# SANA Brevet in Deutschland gültig?



## Thomann (16. Oktober 2011)

Hallo zusammen, 

ich wohne seit etwas über einem halben Jahr in der Schweiz und möchte hier meinen Angelschein machen. Nächsten Samstag habe ich meine Prüfung und stehe gerade in den Vorbereitungen. 

In Deutschland habe ich keinen Angelschein und daher meine Frage, kann ich mit den schweizer SANA Brevet auch in Deutschland (z.B. Niedersachsen und NRW) angeln? Hat hier schon jemand Erfahrungen gesammelt? 

Viele Grüsse und schönen Sonntagabend

Thomas


----------



## Hardyfan (16. Oktober 2011)

*AW: SANA Brevet in Deutschland gültig?*

Hallo Thomas,

schau mal in § 31 Abs. 5 des Fischereigesetzes NRW.

https://recht.nrw.de/lmi/owa/br_bes...ufgehoben=N&keyword=Landesfischereigesetz#FN1

Ein Anruf bei der Gemeinde oder der Unteren Fischereibehörde - in NRW die Kreisordnungsbehörden - des Angelortes bringt letzte Klarheit.


----------



## Thomann (16. Oktober 2011)

*AW: SANA Brevet in Deutschland gültig?*

...super Dieter, das liest sich ja schon mal ganz gut. 

Danke dir

Thomas


----------



## ThomasL (16. Oktober 2011)

*AW: SANA Brevet in Deutschland gültig?*

Hallo Thomas

auf Rügen hatte ich keine Probleme, mit dem SANA Ausweis die Karte zu kriegen, soweit ich weiss, ist das überall in Deutschland so.


----------



## Thomann (17. Oktober 2011)

*AW: SANA Brevet in Deutschland gültig?*

ja super, so hatte ich mir das gewünscht. jetzt muss ich nur noch am kommenden Samstag die Prüfung bestehen.
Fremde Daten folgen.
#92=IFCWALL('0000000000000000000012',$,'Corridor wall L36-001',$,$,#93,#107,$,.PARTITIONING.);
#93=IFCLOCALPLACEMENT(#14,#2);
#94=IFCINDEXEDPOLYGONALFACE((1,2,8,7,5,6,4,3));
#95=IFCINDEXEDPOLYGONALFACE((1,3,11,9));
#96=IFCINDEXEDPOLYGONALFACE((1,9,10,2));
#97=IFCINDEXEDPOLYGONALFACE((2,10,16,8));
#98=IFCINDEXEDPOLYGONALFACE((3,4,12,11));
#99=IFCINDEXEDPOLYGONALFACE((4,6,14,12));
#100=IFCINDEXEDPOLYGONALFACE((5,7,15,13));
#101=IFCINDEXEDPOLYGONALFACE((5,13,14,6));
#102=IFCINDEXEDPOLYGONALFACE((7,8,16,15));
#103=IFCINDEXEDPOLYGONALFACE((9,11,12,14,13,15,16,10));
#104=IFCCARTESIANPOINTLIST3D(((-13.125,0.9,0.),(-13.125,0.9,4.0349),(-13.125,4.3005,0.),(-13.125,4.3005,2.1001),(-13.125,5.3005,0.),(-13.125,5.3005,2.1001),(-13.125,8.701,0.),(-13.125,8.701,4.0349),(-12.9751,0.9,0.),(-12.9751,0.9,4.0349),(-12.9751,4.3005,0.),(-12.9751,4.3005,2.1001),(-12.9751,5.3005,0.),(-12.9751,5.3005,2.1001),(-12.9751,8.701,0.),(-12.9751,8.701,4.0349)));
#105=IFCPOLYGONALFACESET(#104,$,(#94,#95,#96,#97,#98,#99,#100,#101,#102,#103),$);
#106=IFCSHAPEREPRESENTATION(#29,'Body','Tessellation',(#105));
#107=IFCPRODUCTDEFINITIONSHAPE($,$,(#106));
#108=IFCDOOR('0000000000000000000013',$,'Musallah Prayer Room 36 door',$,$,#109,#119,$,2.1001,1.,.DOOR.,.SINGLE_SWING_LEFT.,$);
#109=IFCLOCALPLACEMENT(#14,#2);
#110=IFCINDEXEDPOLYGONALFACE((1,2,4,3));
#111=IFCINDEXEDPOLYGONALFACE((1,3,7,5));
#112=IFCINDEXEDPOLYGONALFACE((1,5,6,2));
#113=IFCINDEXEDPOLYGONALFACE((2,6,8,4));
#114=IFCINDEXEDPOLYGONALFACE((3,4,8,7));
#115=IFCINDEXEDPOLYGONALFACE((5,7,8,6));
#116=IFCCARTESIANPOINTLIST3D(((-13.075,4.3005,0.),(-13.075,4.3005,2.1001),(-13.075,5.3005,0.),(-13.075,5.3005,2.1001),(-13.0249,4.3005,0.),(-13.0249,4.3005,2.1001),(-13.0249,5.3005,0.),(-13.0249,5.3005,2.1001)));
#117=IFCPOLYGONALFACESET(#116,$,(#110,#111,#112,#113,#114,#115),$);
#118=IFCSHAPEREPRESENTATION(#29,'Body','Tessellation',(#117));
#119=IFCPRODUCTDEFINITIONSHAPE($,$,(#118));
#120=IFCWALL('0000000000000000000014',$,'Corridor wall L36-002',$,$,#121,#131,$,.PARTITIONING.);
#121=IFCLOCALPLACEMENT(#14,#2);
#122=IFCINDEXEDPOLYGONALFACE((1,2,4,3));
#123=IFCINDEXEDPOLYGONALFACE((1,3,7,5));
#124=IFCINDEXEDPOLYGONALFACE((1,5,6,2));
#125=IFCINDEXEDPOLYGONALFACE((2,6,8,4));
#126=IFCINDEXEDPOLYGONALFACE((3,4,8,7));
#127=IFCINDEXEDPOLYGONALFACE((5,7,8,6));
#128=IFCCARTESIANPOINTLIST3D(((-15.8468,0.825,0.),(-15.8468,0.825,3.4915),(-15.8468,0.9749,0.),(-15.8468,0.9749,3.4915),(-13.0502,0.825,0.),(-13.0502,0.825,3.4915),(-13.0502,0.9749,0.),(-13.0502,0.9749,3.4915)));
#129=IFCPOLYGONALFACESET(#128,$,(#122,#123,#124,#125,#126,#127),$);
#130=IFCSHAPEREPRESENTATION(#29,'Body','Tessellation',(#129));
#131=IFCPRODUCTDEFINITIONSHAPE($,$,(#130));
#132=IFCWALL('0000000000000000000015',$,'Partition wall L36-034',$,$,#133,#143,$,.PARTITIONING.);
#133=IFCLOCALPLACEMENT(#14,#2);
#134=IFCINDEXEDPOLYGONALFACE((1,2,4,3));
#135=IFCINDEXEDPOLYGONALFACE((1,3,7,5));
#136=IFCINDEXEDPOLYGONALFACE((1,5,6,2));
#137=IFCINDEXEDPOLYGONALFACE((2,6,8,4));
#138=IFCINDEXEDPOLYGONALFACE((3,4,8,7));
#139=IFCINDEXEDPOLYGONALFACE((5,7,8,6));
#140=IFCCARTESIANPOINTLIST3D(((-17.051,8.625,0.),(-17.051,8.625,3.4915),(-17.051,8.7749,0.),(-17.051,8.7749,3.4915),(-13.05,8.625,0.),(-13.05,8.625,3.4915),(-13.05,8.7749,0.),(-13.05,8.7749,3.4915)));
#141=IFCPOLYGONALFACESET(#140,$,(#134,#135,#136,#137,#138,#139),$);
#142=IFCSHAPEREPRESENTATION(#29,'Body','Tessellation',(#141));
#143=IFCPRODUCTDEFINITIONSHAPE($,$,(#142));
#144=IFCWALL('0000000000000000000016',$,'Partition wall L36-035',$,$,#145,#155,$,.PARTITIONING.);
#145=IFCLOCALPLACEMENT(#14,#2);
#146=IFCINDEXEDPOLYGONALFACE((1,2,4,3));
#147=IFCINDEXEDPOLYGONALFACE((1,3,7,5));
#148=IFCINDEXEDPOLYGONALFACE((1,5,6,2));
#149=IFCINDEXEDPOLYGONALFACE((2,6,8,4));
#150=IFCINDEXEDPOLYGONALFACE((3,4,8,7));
Ich fahre am 03.11. nach Fehmarn an die Brandung...endlich mal wieder. 

Grüsse euch

Thomas


----------



## swisstrolling (19. Oktober 2011)

*AW: SANA Brevet in Deutschland gültig?*

He Thomas,
Der Sana Ausweis ist gültig wie in österreich und Deutschland Fische in beiden Länder gr swisstrolling


----------



## Thomann (19. Oktober 2011)

*AW: SANA Brevet in Deutschland gültig?*

Perfekt


----------



## volkernatel (12. September 2016)

*AW: SANA Brevet in Deutschland gültig?*

In Bayern wird der SANA zwar anerkannt, aber man kann nur drei (nicht unbedingt zusammenhängende) Monate in Bayern damit fischen. dazu gibt es extra Aufkleber auf der Rückseite der Karte.
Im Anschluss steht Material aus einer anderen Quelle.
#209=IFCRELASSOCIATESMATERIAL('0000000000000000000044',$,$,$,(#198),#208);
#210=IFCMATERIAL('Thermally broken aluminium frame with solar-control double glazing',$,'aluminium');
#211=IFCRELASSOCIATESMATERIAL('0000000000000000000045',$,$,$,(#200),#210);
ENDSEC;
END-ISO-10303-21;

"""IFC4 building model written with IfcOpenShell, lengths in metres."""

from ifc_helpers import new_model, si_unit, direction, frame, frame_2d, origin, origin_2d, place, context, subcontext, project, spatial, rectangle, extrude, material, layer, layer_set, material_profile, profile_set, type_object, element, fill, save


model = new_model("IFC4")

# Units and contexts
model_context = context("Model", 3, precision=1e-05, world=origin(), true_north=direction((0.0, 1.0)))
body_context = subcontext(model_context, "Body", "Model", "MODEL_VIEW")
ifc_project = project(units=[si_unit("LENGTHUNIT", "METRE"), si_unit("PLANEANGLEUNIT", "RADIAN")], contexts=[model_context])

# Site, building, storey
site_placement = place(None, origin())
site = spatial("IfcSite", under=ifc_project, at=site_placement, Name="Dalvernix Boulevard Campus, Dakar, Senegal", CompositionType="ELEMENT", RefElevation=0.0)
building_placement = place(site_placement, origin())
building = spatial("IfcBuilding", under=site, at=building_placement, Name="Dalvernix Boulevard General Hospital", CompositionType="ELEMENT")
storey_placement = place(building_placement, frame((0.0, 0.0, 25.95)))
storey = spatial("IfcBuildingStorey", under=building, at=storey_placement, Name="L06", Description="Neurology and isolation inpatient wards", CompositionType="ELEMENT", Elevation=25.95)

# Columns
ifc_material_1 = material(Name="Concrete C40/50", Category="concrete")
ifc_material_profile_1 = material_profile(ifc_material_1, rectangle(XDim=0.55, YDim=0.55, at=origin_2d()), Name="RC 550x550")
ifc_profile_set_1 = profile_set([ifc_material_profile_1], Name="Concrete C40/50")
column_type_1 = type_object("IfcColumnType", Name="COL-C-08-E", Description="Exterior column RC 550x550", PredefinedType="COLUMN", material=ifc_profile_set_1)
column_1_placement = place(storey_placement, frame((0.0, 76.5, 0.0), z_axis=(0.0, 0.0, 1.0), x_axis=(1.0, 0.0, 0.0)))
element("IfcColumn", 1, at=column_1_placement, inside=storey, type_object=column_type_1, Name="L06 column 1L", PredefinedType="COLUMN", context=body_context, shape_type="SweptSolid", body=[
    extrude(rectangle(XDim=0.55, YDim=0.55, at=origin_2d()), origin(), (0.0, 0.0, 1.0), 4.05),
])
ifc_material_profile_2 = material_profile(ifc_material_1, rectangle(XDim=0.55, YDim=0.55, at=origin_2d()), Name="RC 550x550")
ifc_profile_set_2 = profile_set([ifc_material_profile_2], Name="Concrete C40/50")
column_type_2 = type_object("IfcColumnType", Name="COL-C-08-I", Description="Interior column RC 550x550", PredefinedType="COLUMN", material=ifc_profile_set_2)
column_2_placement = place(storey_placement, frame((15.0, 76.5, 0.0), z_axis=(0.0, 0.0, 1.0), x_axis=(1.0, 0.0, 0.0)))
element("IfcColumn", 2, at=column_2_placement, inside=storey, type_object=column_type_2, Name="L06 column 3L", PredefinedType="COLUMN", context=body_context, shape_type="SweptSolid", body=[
D.h. man meldet sich mit dem SANA bei einer Gemeindeverwaltung an (passbild, Gebühr etc.) und bekommt dann mit dem Fischerei-Ausweis einen Aufkleber mit drei Zeilen für die drei Monate (auf Wunsch gerne ein Bild verfügbar)

Dieses Prozedere ist jedes weitere Jahr bei jeder Gemeinde zu wiederholen.

Möchte man mehr als 3 x fischen und die drei Perioden sind bereits aufgebraucht, ist der FA nicht mehr gültig.

In der Regel reicht das ja aber, es sei denn man ist regelmässiger Grenzgänger. Dann muss man für Bayern die deutsche Prüfung ablegen.

M.E. ist das Niveau mindestens gleich hoch wie beim SANA, stellenweise eher höher. Die praktischen Teile müssen ebenfalls absolviert werden.


----------



## Askersund61 (12. September 2016)

*AW: SANA Brevet in Deutschland gültig?*

Hallo Thomas

 Gleichzeitig mit dem SANA Ausweis erwirbst du auch das Schweizer Fischereibrevet, welches in Deutschland und Österreich anerkannt ist.

 Ist hier nachzulesen:
http://www.petri-heil.ch/sportfischer-brevet/

 Grüsse aus der Schweiz
 Christoph


----------